Although several improvements have been made to the original design of the snap engagement electrical fitting, as a result of the limited space available for flexing of the locking tangs, the fitting has at times proved less than ideal for engaging oversized AC or MC cable. Typically the tubular connector of the snap engagement fitting is secured to a panel in close proximity to adjacent connectors. The outer dimension of the connector must therefore be limited in size. As a result of limiting the size of the connector, past snap engagement fittings for AC or MC cable have limited the outward travel of the cable locking tangs and made it difficult to insert oversized cable. What is needed therefore is a snap engagement fitting that allows unimpeded outward flexing of the cable locking tangs while also allowing mounting of several fittings in a panel in close proximity to one another.
The purpose of the present invention is the improvement of the fitting for snap engagement of armored cable to a panel. Specifically, the fitting has been modified to allow unimpeded outward flexing of the cable locking tangs while at the same time allowing insertion of multiple fittings into a panel in close proximity to one another.
These and other advantages will become apparent by reading the attached specification and claims in conjunction with reference to the attached drawings.
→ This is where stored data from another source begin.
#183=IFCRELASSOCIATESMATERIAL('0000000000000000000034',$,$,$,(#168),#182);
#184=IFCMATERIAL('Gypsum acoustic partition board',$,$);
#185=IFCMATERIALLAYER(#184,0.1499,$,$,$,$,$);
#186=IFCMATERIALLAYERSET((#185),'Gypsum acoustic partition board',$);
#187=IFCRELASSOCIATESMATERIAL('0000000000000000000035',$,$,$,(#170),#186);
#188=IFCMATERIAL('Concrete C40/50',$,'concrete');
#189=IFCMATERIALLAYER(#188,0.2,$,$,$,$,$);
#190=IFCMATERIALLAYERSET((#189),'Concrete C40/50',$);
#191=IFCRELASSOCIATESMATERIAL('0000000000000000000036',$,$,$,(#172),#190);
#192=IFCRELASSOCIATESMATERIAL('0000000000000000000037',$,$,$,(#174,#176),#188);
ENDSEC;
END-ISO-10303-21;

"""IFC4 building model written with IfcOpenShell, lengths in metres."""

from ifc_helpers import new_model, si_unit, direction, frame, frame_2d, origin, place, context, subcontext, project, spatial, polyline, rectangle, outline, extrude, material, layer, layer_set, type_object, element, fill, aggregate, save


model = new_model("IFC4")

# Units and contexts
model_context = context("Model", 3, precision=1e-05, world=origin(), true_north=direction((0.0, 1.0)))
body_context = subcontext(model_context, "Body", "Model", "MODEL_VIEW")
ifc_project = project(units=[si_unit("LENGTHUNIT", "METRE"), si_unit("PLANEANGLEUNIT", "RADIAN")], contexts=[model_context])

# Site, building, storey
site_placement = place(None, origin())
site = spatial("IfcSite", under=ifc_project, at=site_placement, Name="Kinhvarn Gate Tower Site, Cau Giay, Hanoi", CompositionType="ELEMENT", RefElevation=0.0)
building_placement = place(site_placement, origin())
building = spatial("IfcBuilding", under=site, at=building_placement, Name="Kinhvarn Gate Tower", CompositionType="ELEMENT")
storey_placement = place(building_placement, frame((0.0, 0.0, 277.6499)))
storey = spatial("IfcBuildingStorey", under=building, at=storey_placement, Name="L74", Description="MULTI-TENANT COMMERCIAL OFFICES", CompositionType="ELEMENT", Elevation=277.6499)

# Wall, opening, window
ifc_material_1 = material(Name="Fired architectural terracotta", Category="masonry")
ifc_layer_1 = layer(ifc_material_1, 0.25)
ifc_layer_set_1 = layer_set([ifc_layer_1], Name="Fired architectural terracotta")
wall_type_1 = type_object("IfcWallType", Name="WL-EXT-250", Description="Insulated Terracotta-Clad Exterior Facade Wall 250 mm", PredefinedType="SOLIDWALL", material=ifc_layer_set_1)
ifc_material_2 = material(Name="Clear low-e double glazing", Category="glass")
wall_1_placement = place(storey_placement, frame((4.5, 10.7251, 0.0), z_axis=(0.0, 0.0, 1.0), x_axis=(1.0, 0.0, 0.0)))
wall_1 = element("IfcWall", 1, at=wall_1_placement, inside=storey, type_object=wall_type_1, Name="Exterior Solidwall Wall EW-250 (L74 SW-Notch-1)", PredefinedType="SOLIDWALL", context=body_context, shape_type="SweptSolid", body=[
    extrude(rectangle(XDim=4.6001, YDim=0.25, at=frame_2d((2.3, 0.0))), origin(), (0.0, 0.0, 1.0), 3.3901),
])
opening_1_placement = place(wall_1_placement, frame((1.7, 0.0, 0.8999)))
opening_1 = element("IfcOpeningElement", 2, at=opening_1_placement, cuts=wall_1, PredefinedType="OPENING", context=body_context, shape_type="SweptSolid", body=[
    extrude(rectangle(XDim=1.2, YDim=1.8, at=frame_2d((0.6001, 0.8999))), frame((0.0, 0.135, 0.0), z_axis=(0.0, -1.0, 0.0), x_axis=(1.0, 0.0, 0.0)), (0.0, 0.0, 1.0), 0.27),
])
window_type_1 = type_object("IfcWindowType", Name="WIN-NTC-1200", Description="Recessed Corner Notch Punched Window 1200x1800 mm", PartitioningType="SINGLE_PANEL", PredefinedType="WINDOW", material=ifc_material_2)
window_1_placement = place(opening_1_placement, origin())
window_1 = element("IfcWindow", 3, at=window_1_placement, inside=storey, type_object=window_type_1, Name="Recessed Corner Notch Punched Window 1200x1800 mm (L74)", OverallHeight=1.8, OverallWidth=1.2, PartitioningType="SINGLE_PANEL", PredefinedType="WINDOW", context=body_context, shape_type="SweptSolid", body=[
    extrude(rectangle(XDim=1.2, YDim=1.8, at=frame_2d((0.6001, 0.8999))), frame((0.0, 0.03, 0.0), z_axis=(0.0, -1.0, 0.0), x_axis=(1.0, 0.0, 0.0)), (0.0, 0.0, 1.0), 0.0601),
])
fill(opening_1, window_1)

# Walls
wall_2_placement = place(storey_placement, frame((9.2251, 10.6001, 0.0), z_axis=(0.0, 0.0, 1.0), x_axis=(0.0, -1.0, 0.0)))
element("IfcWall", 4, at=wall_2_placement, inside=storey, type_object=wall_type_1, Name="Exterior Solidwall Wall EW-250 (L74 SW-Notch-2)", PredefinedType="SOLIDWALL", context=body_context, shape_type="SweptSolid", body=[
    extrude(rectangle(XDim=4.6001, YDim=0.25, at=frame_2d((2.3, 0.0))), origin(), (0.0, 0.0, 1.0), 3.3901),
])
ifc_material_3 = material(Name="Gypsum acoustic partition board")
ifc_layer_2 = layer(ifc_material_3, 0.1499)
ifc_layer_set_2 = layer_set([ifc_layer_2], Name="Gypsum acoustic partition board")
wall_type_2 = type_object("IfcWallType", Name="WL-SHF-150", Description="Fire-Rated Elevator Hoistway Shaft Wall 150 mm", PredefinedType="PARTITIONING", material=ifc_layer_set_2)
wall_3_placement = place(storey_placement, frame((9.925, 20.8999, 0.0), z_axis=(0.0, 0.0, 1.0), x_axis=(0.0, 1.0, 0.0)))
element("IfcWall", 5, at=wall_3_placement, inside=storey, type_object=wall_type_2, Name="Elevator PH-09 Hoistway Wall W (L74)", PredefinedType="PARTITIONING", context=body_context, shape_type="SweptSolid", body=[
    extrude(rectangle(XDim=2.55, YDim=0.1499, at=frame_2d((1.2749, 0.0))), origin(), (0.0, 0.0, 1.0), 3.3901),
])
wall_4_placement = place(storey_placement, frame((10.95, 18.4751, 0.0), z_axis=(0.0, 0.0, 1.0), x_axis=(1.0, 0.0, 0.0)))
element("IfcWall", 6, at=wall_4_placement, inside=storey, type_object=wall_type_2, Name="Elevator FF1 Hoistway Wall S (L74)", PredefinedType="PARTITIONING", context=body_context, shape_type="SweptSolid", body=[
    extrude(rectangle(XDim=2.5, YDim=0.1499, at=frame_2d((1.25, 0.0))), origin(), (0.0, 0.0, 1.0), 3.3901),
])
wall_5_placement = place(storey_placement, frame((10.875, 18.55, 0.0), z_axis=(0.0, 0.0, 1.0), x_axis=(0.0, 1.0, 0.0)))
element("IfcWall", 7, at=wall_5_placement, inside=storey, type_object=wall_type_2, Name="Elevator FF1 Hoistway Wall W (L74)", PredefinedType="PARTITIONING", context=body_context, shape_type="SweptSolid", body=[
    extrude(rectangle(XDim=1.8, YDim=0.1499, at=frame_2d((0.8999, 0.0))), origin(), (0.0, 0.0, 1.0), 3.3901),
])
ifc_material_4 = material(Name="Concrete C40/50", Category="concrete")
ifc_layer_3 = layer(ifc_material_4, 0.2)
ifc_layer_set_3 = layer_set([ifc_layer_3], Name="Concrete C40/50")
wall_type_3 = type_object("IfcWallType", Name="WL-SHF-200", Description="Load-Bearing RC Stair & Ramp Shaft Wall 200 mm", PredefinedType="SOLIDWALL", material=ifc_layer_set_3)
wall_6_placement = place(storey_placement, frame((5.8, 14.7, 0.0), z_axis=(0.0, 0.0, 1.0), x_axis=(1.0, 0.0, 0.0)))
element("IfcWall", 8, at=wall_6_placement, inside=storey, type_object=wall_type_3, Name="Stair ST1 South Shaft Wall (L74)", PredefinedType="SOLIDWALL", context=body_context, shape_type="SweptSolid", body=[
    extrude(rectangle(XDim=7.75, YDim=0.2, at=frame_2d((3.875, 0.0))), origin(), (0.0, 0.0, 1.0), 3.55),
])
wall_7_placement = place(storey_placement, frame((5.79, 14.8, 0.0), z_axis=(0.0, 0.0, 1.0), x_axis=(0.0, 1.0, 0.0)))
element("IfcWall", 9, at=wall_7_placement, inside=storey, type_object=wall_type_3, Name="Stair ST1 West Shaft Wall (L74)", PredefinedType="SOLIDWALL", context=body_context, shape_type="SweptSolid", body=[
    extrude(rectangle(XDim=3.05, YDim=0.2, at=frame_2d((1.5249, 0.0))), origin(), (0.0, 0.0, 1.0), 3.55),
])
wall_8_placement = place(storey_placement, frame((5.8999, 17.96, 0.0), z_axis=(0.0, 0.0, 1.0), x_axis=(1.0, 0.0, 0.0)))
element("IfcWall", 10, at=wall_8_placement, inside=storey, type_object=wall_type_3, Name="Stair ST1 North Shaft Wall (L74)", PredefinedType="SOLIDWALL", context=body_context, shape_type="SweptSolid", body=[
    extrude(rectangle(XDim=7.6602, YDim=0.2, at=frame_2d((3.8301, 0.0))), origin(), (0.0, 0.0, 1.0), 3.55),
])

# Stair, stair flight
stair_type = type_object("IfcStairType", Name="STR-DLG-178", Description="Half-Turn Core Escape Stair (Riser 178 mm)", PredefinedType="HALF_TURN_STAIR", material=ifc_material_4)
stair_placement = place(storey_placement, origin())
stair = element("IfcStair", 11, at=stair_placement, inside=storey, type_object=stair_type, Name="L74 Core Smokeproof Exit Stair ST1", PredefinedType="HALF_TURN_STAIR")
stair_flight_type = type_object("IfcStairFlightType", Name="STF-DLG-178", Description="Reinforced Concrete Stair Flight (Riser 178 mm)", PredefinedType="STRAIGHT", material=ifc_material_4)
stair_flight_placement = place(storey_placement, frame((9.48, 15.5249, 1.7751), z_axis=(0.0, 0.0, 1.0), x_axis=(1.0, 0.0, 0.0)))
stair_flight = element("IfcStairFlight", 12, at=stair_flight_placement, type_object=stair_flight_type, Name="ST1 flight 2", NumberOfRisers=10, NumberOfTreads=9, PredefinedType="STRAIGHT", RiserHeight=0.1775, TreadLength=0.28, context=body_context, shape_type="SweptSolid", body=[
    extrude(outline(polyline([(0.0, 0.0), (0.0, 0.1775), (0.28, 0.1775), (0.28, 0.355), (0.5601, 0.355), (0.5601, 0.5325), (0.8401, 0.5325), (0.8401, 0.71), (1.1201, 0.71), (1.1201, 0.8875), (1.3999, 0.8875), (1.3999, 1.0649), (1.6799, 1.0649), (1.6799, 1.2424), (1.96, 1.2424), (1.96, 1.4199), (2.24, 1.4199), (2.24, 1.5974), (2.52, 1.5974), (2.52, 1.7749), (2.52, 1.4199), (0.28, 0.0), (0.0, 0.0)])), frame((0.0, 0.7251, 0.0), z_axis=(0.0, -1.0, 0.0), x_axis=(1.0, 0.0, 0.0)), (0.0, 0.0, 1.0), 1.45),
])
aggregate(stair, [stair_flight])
The present invention comprises a fitting that provides a trailing end designed for easy snap-in engagement of armored cable of the type that includes a convoluted surface having trough areas and crown areas. The fitting comprises a hollow, tubular, electrically conductive electrical connector having a leading for connecting to a panel and a trailing end for accepting armored cable. A fastening arrangement is provided on the leading end to allow snap-in engagement to a panel. A resilient, electrically conductive, generally cylindrical-shaped split snap ring is secured within the trailing end of the connector. The split snap ring may be described as having a longitudinal axis there through the axial center of the ring. A plurality of locking tangs are lanced longitudinally and bent inwardly to a smaller diameter than the outer diameter of armored cable that the fitting will be used in conjunction with. Edges of the locking tangs are staggered longitudinally within the tubular connector to enable each tang to engage a trough in the surface of the armored cable and thereby hold it fast to the trailing end of connector. The fastening arrangement on the leading end of the fitting is typically a split ring affixed to the nose of the connector. The connector, split ring affixed to the nose of the connector, and the split ring secured within the trailing end of the connector comprise the fitting of the present invention that provides snap-in engagement on both ends of the fitting. The fitting allows the leading end of the connector to be snapped into a standard sized aperture in a panel and also allows armored cable to be snapped into its trailing end. The tight engagement of the locking tangs to the trough areas of the cable provide good surface contact between the locking tangs and the cable, thereby improving continuity and lowering the millivolt drop between the cable, the fitting, and the panel.